New NPU: Intel NPU 4, Up to 48 Peak TOPS

Perhaps Intel's main focal point, from a marketing point of view, is the latest generational change to its Neural Processing Unit or NPU.Intel has made some significant breakthroughs with its latest NPU, aptly called NPU 4. Although AMD disclosed a faster NPU during their Computex keynote, Intel claims up to 48 TOPS of peak AI performance.NPU 4, compared with the previous model, NPU 3, is a giant leap in enhancing power and efficiency in neural processing.
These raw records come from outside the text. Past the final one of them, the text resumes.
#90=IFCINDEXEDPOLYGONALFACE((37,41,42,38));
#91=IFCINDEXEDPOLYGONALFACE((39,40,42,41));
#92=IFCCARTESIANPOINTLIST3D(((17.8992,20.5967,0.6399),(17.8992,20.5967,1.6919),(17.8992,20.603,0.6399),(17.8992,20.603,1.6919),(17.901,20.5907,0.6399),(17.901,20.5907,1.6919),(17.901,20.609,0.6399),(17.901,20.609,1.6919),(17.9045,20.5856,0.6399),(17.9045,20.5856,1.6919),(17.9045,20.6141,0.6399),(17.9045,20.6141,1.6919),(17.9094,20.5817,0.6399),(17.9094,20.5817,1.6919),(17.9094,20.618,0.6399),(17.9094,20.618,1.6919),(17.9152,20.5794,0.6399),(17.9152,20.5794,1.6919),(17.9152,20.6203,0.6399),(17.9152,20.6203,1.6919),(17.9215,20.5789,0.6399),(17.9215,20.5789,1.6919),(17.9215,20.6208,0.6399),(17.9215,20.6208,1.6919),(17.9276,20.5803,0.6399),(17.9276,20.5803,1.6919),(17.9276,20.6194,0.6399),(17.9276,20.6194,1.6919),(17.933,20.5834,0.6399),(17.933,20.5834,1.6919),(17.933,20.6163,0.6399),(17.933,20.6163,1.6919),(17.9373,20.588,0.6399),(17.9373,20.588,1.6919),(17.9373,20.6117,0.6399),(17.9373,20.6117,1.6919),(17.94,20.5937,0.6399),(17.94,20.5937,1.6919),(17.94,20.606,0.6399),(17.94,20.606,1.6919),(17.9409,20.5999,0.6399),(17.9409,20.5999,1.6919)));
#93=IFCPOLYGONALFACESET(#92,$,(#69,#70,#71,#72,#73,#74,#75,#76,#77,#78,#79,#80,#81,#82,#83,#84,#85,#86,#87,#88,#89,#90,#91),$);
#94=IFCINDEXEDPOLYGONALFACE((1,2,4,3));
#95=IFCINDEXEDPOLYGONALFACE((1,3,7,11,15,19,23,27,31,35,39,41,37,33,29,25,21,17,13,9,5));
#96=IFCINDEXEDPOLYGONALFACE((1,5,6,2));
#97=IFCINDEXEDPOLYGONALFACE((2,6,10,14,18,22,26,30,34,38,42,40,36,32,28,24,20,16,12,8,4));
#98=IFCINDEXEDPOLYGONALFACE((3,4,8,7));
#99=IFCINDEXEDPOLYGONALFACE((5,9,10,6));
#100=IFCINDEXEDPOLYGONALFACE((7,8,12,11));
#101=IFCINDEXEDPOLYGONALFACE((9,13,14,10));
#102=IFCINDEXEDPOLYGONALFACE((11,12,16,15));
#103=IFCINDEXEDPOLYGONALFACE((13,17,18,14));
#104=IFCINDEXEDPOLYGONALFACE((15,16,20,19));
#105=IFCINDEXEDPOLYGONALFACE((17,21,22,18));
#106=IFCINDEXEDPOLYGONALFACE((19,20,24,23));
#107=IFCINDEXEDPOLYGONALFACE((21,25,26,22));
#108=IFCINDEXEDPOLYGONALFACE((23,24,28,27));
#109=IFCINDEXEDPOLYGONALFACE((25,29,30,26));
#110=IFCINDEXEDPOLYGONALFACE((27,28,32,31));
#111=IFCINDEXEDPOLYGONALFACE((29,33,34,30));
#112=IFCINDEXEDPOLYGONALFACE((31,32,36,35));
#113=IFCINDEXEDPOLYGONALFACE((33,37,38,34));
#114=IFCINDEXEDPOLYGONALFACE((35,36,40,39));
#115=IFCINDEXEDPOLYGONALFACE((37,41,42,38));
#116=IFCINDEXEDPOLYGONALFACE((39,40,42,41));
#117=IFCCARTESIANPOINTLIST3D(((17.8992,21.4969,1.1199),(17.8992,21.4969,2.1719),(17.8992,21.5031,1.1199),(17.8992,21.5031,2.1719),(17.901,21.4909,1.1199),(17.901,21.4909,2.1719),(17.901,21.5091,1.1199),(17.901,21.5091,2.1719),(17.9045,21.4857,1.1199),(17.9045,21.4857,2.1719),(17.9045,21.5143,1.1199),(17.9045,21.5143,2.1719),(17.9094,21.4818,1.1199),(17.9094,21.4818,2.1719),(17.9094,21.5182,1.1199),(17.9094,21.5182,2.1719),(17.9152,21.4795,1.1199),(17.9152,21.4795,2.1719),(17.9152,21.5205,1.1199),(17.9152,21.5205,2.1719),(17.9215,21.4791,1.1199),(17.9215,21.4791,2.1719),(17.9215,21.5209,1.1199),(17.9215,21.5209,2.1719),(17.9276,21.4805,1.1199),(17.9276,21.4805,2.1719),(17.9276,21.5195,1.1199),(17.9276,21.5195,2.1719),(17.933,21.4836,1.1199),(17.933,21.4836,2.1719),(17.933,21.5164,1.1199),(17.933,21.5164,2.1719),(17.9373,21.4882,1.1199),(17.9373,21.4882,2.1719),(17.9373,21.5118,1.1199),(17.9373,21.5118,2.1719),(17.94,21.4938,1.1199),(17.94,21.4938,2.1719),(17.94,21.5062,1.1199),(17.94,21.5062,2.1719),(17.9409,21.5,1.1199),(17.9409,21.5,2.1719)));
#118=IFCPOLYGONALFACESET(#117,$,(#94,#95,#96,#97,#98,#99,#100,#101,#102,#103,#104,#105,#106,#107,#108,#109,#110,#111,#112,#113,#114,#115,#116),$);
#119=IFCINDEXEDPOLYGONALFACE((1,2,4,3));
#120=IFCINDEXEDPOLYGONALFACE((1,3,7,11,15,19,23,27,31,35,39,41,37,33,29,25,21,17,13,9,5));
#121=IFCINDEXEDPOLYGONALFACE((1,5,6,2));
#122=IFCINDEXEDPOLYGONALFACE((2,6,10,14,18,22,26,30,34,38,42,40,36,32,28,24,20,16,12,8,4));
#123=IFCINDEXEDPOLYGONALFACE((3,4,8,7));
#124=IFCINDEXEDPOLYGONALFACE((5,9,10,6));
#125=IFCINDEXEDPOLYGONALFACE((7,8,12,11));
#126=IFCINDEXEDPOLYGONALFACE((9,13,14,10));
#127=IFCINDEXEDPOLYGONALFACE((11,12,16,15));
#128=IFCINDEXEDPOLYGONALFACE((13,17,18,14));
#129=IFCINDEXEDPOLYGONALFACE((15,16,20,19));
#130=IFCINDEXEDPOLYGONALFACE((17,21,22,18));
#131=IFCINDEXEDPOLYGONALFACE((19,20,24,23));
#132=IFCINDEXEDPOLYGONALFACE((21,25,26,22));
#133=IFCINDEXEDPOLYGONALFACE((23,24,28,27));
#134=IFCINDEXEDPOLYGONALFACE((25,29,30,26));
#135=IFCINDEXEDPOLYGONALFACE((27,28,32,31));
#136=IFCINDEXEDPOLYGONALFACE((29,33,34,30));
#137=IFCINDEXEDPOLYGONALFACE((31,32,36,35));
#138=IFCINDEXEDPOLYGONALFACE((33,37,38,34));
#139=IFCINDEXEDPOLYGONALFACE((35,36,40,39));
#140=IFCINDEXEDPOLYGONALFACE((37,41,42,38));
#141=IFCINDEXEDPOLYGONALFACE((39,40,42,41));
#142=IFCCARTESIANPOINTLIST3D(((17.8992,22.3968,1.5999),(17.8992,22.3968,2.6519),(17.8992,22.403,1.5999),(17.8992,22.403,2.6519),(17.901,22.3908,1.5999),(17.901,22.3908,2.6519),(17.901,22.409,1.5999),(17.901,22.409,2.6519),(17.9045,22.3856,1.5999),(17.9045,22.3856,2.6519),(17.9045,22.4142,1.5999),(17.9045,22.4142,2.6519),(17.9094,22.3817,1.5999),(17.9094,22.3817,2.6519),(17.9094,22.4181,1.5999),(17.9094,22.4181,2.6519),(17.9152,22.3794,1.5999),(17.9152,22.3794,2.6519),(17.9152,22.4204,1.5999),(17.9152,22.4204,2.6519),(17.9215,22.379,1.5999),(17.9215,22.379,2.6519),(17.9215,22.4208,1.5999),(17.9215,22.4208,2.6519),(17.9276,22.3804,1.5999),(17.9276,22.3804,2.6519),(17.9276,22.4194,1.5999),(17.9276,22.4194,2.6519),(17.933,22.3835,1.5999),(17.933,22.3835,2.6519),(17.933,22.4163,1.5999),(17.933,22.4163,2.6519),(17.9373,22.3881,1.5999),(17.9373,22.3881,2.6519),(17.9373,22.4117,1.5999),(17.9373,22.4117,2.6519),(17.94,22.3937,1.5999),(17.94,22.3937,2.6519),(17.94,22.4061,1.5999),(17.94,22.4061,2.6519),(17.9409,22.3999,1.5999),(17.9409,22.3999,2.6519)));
The improvements in NPU 4 have been made possible by achieving higher frequencies, better power architectures, and a higher number of engines, thus giving it better performance and efficiency.
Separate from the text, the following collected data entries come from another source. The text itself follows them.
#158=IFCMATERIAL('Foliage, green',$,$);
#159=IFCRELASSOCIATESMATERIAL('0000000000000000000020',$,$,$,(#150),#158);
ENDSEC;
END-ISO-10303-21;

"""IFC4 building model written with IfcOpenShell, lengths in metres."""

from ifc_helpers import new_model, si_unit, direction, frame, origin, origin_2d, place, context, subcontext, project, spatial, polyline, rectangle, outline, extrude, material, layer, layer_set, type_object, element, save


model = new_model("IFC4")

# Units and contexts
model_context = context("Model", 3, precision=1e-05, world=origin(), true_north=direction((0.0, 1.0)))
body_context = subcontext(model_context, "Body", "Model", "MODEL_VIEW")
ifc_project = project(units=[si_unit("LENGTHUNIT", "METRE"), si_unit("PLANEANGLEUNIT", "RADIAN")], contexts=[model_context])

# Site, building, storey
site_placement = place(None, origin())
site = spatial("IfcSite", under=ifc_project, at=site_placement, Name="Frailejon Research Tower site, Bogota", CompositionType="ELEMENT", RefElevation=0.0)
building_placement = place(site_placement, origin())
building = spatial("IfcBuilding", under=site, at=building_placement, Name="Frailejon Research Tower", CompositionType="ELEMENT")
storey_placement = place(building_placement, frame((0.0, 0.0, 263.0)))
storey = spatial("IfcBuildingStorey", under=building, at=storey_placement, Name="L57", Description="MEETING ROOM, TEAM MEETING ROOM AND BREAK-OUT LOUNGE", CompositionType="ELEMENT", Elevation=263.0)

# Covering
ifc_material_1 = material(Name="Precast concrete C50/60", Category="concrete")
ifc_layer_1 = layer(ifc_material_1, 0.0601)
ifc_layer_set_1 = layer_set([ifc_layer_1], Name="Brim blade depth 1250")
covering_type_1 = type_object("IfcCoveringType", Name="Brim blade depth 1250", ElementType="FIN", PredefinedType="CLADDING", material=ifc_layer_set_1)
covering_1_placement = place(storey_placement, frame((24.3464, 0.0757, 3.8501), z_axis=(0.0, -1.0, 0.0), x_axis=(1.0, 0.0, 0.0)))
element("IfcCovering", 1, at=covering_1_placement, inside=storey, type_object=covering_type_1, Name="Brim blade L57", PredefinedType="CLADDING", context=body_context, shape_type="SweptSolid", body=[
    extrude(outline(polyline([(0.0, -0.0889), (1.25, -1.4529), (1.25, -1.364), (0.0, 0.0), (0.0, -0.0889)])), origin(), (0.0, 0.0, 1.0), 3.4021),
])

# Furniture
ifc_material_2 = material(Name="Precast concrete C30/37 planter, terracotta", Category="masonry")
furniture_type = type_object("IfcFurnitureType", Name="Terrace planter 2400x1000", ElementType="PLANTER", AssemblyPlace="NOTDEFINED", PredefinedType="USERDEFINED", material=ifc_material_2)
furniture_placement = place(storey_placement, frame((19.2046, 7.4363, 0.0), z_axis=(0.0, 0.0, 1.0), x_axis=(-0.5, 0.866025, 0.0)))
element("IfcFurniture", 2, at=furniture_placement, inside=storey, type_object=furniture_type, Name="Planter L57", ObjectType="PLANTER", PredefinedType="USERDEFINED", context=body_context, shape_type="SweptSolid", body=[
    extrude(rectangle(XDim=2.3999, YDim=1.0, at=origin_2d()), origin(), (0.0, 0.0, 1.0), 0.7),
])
In NPU 4, these improvements are enhanced in vector performance architecture, with higher numbers of compute tiles and better optimality in matrix computations.This incurs a great deal of neural processing bandwidth; in other words, it is critical for applications that demand ultra-high-speed data processing and real-time inference. The architecture supports INT8 and FP16 precisions, with a maximum of 2048 MAC (multiply-accumulate) operations per cycle for INT8 and 1024 MAC operations for FP16, clearly showing a significant increase in computational efficiency.

A more in-depth look at the architecture reveals increased layering in the NPU 4. Each of the neural compute engines in this 4th version has an incredibly excellent inference pipeline embedded — comprising MAC arrays and many dedicated DSPs for different types of computing. The pipeline is built for numerous parallel operations, thus enhancing performance and efficiency. The new SHAVE DSP is optimized to four times the vector compute power it had in the previous generation, enabling more complex neural networks to be processed.
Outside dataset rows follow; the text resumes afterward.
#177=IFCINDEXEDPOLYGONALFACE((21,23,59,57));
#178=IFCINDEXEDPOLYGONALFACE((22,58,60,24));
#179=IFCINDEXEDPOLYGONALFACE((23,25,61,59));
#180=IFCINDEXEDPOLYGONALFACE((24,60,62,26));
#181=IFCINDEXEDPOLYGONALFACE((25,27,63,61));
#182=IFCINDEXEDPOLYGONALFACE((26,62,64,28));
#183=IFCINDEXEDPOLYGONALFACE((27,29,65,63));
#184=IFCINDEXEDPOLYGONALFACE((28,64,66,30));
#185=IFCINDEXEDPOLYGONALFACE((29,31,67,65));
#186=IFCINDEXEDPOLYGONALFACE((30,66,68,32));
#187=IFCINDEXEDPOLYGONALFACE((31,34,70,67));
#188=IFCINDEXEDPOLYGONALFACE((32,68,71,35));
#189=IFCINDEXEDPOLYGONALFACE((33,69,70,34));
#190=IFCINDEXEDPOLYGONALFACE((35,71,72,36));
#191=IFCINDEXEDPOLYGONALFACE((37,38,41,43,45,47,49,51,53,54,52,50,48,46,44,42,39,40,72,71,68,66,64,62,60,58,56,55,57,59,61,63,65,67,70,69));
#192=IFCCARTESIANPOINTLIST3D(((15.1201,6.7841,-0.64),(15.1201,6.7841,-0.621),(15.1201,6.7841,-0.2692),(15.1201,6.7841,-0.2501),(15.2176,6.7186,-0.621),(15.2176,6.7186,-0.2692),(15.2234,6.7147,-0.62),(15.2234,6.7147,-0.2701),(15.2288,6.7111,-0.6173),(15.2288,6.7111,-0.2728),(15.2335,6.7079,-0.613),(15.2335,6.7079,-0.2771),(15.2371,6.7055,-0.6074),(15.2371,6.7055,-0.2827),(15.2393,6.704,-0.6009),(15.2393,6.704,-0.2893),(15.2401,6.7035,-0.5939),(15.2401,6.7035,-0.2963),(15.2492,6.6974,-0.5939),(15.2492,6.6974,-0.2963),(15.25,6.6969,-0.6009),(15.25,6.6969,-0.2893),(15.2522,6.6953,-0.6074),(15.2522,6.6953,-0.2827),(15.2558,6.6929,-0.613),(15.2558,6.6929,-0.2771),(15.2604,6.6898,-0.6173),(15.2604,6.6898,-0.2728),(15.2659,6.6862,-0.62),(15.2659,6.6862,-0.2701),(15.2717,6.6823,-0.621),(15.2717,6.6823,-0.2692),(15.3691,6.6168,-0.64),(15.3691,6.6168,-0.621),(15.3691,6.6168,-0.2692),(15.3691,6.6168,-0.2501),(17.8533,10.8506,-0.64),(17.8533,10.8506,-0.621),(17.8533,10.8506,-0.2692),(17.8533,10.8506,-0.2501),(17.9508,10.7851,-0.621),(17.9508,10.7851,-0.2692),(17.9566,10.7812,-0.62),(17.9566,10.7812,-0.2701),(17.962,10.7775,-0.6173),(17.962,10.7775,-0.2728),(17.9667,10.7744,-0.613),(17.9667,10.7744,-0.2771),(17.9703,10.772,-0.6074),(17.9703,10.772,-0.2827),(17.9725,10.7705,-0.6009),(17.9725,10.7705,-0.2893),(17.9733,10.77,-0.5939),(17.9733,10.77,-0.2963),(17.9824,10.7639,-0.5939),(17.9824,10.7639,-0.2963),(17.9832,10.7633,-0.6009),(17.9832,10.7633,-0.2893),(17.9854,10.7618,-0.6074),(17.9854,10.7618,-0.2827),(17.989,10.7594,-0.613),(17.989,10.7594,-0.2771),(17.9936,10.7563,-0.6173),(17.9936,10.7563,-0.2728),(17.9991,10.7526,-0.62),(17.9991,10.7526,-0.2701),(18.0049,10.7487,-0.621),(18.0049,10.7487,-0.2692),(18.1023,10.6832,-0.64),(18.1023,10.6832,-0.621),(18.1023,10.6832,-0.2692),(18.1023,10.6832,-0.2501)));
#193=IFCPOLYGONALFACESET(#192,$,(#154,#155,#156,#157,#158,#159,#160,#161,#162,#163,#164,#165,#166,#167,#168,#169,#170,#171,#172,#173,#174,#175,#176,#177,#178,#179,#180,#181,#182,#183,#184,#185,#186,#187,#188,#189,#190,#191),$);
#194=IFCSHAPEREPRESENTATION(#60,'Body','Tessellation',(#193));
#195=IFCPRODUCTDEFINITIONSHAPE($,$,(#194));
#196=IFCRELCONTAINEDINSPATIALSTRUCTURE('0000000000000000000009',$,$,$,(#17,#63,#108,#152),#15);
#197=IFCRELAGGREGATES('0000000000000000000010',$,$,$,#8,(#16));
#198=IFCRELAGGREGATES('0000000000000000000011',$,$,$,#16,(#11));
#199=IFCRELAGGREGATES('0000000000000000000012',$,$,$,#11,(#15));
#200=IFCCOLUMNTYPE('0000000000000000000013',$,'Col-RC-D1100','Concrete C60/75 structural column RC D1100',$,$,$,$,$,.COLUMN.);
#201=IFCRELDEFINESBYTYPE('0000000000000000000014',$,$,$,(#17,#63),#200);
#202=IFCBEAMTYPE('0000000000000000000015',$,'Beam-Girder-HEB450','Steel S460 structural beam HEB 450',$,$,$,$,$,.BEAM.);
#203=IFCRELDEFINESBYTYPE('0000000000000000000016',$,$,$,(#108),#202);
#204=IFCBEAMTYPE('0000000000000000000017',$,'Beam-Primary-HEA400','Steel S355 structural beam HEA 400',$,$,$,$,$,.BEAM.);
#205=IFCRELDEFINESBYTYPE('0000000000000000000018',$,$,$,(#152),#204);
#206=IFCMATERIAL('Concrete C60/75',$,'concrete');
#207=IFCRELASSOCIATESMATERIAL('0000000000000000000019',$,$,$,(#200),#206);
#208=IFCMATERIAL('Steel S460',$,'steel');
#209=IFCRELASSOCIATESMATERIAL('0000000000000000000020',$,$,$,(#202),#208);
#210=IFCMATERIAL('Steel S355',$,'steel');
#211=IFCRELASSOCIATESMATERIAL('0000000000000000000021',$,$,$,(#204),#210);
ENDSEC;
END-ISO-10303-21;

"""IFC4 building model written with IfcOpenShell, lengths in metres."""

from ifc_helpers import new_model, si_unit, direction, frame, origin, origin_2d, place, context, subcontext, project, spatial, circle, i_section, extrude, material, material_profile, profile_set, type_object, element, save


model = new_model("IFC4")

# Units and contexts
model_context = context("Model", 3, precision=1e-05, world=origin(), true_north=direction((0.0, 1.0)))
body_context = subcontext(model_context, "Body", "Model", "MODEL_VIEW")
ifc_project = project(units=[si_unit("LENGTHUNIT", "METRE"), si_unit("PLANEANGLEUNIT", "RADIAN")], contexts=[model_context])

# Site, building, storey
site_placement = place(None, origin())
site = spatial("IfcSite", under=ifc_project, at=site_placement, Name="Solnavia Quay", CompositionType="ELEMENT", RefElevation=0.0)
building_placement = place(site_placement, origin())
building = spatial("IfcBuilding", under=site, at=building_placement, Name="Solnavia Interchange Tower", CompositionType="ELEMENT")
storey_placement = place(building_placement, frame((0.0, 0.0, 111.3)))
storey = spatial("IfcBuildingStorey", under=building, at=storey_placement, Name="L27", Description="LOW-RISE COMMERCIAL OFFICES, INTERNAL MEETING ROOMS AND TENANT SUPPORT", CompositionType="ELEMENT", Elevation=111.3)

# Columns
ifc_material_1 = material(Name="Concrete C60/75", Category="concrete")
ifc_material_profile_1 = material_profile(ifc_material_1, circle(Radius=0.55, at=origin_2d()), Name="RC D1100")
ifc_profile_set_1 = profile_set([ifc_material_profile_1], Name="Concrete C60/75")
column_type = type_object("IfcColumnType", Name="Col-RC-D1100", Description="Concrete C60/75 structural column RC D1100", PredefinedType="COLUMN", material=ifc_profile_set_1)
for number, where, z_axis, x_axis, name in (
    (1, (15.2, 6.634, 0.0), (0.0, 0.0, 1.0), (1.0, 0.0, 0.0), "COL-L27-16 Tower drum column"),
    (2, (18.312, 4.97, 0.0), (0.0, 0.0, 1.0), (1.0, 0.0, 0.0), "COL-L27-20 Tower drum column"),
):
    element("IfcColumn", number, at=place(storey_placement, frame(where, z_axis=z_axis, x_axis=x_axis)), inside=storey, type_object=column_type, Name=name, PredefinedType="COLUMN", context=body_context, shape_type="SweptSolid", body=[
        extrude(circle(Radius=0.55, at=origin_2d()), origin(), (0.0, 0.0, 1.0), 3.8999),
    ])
A significant improvement of NPU 4 is an increase in clock speed and introducing a new node that doubles the performance at the same power level as NPU 3. This results in peak performance quadrupling, making NPU 4 a powerhouse for demanding AI applications. The new MAC array features advanced data conversion capabilities on a chip, which allow for a datatype conversion on the fly, fused operations, and layout of the output data to make the data flow optimal with minimal latency.

The bandwidth improvements in NPU 4 are essential to handle bigger models and data sets, especially in transformer language model-based applications. The architecture supports higher data flow, thus reducing the bottleneck and ensuring it runs smoothly even when in operation. The DMA (Direct Memory Access) engine of NPU 4 doubles the DMA bandwidth—an essential addition in improving network performance and an effective handler of heavy neural network models. More functions, including embedding tokenization, are further supported, expanding the potential of what NPU 4 can do.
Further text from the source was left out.